Jemisin's debut novel, The Hundred Thousand Kingdoms, was nominated for the 2010 Nebula Award, and short-listed for the James Tiptree Jr. Award. In 2011, it was nominated for the Hugo Award, World Fantasy Award, and Locus Award, winning the 2011 Locus Award for Best First Novel. The Hundred Thousand Kingdoms also won the Sense of Gender Awards in 2011.

In 2016, Jemisin's novel The Fifth Season won the Hugo Award for Best Novel, thus making her the first black writer to win a Hugo award in that category. Its sequel, The Obelisk Gate, won the Hugo Award for Best Novel in 2017.

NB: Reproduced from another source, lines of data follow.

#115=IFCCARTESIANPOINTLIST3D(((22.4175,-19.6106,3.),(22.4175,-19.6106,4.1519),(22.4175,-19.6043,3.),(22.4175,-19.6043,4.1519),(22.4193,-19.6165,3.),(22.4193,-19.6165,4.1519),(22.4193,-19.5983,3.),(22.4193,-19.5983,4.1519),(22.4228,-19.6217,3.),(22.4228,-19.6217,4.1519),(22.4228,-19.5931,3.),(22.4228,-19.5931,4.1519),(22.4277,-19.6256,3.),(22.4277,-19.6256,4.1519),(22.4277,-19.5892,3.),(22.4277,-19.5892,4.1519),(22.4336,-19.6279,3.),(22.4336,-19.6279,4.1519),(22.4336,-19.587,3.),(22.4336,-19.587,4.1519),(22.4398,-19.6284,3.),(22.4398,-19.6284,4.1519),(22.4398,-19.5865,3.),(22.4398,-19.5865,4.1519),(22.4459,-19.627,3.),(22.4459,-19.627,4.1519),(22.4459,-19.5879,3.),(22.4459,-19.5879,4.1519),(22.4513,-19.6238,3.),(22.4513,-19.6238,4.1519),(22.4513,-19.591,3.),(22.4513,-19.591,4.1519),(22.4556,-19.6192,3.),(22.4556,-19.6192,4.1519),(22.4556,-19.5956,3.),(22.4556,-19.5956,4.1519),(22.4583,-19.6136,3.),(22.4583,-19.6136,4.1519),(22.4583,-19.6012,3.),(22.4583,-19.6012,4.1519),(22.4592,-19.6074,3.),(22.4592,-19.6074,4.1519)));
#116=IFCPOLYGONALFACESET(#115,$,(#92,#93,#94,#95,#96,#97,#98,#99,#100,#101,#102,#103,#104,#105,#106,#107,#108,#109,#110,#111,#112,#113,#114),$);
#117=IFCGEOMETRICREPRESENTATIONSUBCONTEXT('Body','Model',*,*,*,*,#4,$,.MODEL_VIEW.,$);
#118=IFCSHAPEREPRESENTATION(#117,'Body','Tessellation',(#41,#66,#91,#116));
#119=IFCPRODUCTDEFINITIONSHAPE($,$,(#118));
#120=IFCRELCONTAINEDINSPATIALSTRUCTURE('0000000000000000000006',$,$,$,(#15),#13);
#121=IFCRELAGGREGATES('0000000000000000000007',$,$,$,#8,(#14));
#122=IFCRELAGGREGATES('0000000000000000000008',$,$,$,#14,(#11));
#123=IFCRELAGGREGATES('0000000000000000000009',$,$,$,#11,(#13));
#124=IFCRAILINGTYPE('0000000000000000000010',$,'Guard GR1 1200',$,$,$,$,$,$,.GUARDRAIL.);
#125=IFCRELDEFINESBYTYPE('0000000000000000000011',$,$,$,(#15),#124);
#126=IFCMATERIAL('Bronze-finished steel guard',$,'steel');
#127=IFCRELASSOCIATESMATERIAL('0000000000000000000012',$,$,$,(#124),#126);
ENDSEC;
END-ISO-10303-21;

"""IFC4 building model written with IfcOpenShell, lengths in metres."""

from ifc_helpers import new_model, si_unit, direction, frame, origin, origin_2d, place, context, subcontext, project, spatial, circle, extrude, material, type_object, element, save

Book riot live author spotlight n k jemisin
Early life

Nora K. Jemisin was born in Iowa City, Iowa, and grew up in New York City and Mobile, Alabama. She lived in Massachusetts for ten years and then moved to New York City. Jemisin attended Tulane University from 1990 to 1994, where she received a B.S. in psychology. She went on to earn her Master of Education from the University of Maryland College Park.
She is first cousin once removed to W. Kamau Bell.
Career
A graduate of the 2002 Viable Paradise writing workshop, Jemisin has published a number of short stories and completed several novels. Jemisin was a member of the Boston-area writing group BRAWLers, and is a member of Altered Fluid, a speculative fiction critique group.
She was a co-Guest of Honor of the 2014 WisCon science fiction convention in Madison, Wisconsin. She was the Author Guest of Honor at Arisia 2015 in Boston, Massachusetts.
During her delivery of the Guest of Honour speech at the 2013 Continuum in Australia, Jemisin pointed out that 10% of the Science Fiction and Fantasy Writers of America (SFWA) membership voted for alt-right writer Theodore Beale (also known as Vox Day) in his bid for the SFWA presidential position. She went on to call Beale "a self-described misogynist, racist, anti-Semite, and a few other flavors of asshole" and noted that silence about these issues was the same as enabling them. Beale responded by calling her an "educated but ignorant savage". A link to his comments was tweeted on the SFWA Authors Twitter feed, and Beale was subsequently expelled from the organization.
In January 2016, Jemisin started writing "Otherworldy", a bimonthly column for The New York Times. In May 2016, Jemisin mounted a Patreon campaign which raised sufficient funding to allow her to quit her job as a counseling psychologist and focus full-time on her writing. In the following year, Bustle called Jemisin "the sci-fi writer every woman needs to be reading".
Personal life
Jemisin lives and works in Brooklyn, New York, along with her cat King Ozymandias (Ozzy).